I grenaded a fairly new Deore freehub on a 29er last Friday trying to climb up a short steep hill. I grenaded an XT freehub that was a few years old earlier this year too. It's true that you can buy a lot of $30 freehubs before you get to the cost of a DT 440 FR, but you also have to balance that against what it's like to have to ride out fixie style (or worse, walk out) when the Shimano gives up.


----------



## NYrr496 (Sep 10, 2008)

I put MANY clyde years on an eight speed XT hub. Gave the wheelset to my brother and he has it on a bike his wife is riding.


----------



## luffy (Nov 15, 2005)

Shimano just released a XT level hub designed for high torque / load applications. Its available in centrelock and 6 bolt, the code is FH-529 for 6 bolt and FH-629 for centrelock. One of the canadian distributors has a couple of the CL in stock, with 6 bolt versions arrving december. Not sure about availability elsewhere. Price is about $65 msrp


----------



## jeffj (Jan 13, 2004)

luffy said:


> Shimano just released a XT level hub designed for high torque / load applications. Its available in centrelock and 6 bolt, the code is FH-529 for 6 bolt and FH-629 for centrelock. One of the canadian distributors has a couple of the CL in stock, with 6 bolt versions arrving december. Not sure about availability elsewhere. Price is about $65 msrp


They're listed as "Deore LX" and "Deore" level on the Shimano website:

FH-M629: http://techdocs.shimano.com/techdoc...older_id=2534374302051937&bmUID=1256698415418

FH-M529: http://techdocs.shimano.com/techdoc...<>ast_id=1408474395181679&bmUID=1256698487105

Scroll down to "Rear Freehubs" on each of these links and you will find the hubs.

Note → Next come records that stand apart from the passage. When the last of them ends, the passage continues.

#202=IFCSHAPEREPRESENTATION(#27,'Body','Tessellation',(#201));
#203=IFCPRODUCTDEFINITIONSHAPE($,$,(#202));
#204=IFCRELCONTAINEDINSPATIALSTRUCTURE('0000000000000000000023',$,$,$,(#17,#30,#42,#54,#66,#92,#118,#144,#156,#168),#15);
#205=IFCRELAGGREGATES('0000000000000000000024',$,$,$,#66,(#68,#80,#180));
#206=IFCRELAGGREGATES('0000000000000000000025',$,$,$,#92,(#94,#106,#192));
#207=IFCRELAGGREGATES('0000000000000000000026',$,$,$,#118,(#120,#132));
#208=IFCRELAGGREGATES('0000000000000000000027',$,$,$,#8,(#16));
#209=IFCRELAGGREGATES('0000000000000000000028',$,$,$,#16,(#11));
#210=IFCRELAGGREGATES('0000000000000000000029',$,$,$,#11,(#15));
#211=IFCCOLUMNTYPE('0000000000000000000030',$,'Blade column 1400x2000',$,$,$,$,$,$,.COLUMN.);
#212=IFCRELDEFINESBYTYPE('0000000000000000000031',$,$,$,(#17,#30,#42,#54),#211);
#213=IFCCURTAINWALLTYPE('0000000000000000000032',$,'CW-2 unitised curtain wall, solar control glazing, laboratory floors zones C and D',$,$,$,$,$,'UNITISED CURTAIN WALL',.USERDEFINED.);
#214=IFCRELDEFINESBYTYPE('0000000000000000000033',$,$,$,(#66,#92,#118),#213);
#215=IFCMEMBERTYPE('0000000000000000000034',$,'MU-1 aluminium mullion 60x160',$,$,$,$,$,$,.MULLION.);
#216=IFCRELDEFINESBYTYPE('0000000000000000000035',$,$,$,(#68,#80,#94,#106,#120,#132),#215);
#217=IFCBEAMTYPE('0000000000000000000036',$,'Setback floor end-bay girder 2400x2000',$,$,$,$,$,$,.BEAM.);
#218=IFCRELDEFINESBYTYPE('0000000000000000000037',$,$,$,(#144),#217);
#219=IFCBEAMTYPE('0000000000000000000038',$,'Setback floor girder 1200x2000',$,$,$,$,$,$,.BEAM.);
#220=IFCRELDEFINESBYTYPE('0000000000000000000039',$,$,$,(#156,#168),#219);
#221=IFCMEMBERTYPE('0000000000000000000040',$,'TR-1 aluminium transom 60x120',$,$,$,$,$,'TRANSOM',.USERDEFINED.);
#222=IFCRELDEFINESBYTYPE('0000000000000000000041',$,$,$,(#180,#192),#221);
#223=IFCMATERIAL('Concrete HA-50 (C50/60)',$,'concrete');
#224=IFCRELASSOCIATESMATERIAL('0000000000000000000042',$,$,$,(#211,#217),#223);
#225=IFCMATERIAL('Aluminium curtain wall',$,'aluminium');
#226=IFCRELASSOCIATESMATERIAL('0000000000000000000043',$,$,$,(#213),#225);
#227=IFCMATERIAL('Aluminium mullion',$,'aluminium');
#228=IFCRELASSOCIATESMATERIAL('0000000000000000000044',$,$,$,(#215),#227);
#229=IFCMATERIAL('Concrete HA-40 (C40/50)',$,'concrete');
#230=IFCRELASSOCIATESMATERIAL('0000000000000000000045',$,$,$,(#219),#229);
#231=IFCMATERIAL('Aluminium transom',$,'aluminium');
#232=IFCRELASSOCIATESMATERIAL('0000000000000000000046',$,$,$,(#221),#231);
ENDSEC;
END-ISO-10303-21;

I believe chain reaction has the Deore LX version (centerlock) for $48.xx plus $15.xx shipping.


----------



## GpzGuy (Aug 11, 2008)

The current itteration of the Shimano Deore XT hub is the FH-M775 (centerlock), which is what I'm riding. It is a different design than before with angled contact bearings and a 10 degree freehub engagement. I'm telling you, I've thrashed the heck out of it so far.


----------



## Sasquatch1413 (Nov 6, 2008)

Hmmm, well the hub I ended up getting is the M756 6 bolt disc hub. Does this have the 10 degree engagement also? Anyone have specific experience with the 756?


----------



## ImaKlyde (Sep 6, 2004)

The M756 is the "previous"/standard design; the one most of us were referring to with our experiences...good or bad.

Brock...


----------



## Sasquatch1413 (Nov 6, 2008)

So how many points of engagement? Same as the deore hub?


----------



## ImaKlyde (Sep 6, 2004)

yep, but that has *ZERO* to do with durability. 

Brock...


----------



## Sasquatch1413 (Nov 6, 2008)

My theory, please let me know if I'm off.

With less points of engagment it seems like you can put more impact loading on the hub. Less points means you have the possibility of freewheeling a longer distance before the hub engages. Allowing you to slam the hub harder when it engages. This may not have as big an effect as I thought tough.


----------



## ImaKlyde (Sep 6, 2004)

In my opinion (and that is all it is, my opinion and $5 gets you coffee and a scone) a well built hub is a well built hub. It can have 36, 48, 72 or more points of engagement. Of course more points translates into less backpedaling rotation when hitting some technical lines/etc...you can keep a nearly "instant" power transfer down with some hubs (Pure performance has instant, but their sealing sucks for us wet country riders) which is nice and helpful in technical riding, but it doesn't mean a hub is automatically stronger or more durable due to having more points of engagement.

There are BMX hubs out there that are 36 pts and there isn't a clyde alive that could rip one apart...they are just that strong and quality and there are 72 pt. hubs that blow (the Chris King knock-offs coming out of China that are all over ebay right now come to mind) because the machining and quality sucks as compared to King, Hadley, White Industries, I9, etc.

Brock...


----------



## Sasquatch1413 (Nov 6, 2008)

Point taken, I don't even know why I'm asking all these questions cause I already bought the wheels with the XT hubs Thanks all for your input, hopefully they hold up to my far arse. I'll keep my fingers crossed.


----------



## jeffj (Jan 13, 2004)

Sasquatch1413 said:


> So how many points of engagement? Same as the deore hub?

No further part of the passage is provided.